Charging into the frenzied national debate over immigration, New York Gov. Eliot Spitzer had insisted that giving driver's licenses to illegal immigrants would make life safer for all.

He found precious little safety in immigration politics. He was whipsawed by both sides, and his initiative became rhetorical ammunition for the presidential campaign.

Under siege, Spitzer sought to salvage his plan by trying to please everyone. He pleased no one and on Wednesday the rookie governor with a hard-charging style conceded the brutally obvious: He had lost, badly.

"Leadership is not solely about doing what one thinks is right. Leadership is also about listening to the public," Spitzer said after meeting with many of his political allies in Congress who had urged retreat.

The debate over immigration, Spitzer said, "has become so toxic that anytime a practical proposal is put forward, it is shot down before it can even be weighed on its merits. The consequence of this fear-mongering is paralysis."

Others say Spitzer did it to himself by stubbornly pushing so hard on a no-win issue.

"He volunteered for this, it was a self-inflicted wound," said Maurice Carroll, director of the Quinnipiac University Polling Institute.

The damage wasn't limited to Spitzer, though. Democratic presidential front-runner Hillary Rodham Clinton has been harshly criticized by campaign rivals who say she has been too noncommittal on this subject.

The issue produced one of the most tense moments of the primary campaign so far, as Clinton stumbled in a debate, saying the Spitzer proposal "makes a lot of sense," yet "I did not say that it should be done."

After Spitzer conceded defeat, Clinton announced she opposed giving licenses to undocumented aliens.

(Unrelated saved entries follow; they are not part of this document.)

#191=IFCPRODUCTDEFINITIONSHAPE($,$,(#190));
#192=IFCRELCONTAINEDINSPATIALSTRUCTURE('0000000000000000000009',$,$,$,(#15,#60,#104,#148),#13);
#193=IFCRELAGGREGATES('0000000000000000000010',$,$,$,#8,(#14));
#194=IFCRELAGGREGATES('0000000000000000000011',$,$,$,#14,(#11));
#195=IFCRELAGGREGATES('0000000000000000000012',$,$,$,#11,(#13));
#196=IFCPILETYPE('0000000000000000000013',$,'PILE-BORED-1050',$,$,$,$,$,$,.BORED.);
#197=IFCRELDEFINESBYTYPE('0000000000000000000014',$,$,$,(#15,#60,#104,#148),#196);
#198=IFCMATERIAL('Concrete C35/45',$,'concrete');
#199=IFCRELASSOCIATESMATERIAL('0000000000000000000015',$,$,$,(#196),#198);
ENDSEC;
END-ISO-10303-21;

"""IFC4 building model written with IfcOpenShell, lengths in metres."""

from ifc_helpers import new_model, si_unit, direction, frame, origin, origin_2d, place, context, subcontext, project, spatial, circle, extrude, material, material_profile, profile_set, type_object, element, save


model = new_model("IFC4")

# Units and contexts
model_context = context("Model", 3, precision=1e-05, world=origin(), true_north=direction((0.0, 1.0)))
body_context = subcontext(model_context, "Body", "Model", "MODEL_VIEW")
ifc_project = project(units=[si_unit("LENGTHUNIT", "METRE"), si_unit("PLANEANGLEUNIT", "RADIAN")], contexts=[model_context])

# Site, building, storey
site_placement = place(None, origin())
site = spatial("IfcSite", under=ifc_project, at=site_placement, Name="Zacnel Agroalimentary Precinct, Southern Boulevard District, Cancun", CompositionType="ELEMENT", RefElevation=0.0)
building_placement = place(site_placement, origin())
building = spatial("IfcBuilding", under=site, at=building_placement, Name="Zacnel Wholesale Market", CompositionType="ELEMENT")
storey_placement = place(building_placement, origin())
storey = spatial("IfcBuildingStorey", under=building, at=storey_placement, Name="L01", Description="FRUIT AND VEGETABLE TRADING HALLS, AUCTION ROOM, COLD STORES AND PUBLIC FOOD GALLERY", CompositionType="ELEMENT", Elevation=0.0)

"I support Governor Spitzer's decision today to withdraw his proposal," Clinton said in a statement. "As president, I will not support driver's licenses for undocumented people and will press for comprehensive immigration reform that deals with all of the issues around illegal immigration including border security and fixing our broken system."

Lost in the posturing is the fact that eight other states — Hawaii, Maine, Maryland, Michigan, New Mexico, Oregon, Utah and Washington — currently do not require drivers to prove legal status in order to obtain a license.

But in Spitzer's case, many Democrats privately grumbled that they were given no advance notice of the plan before it was announced in late September, allowing little chance to build support or answer tough questions from opponents who claimed it would be a boon to both terrorists and gun-loving criminals.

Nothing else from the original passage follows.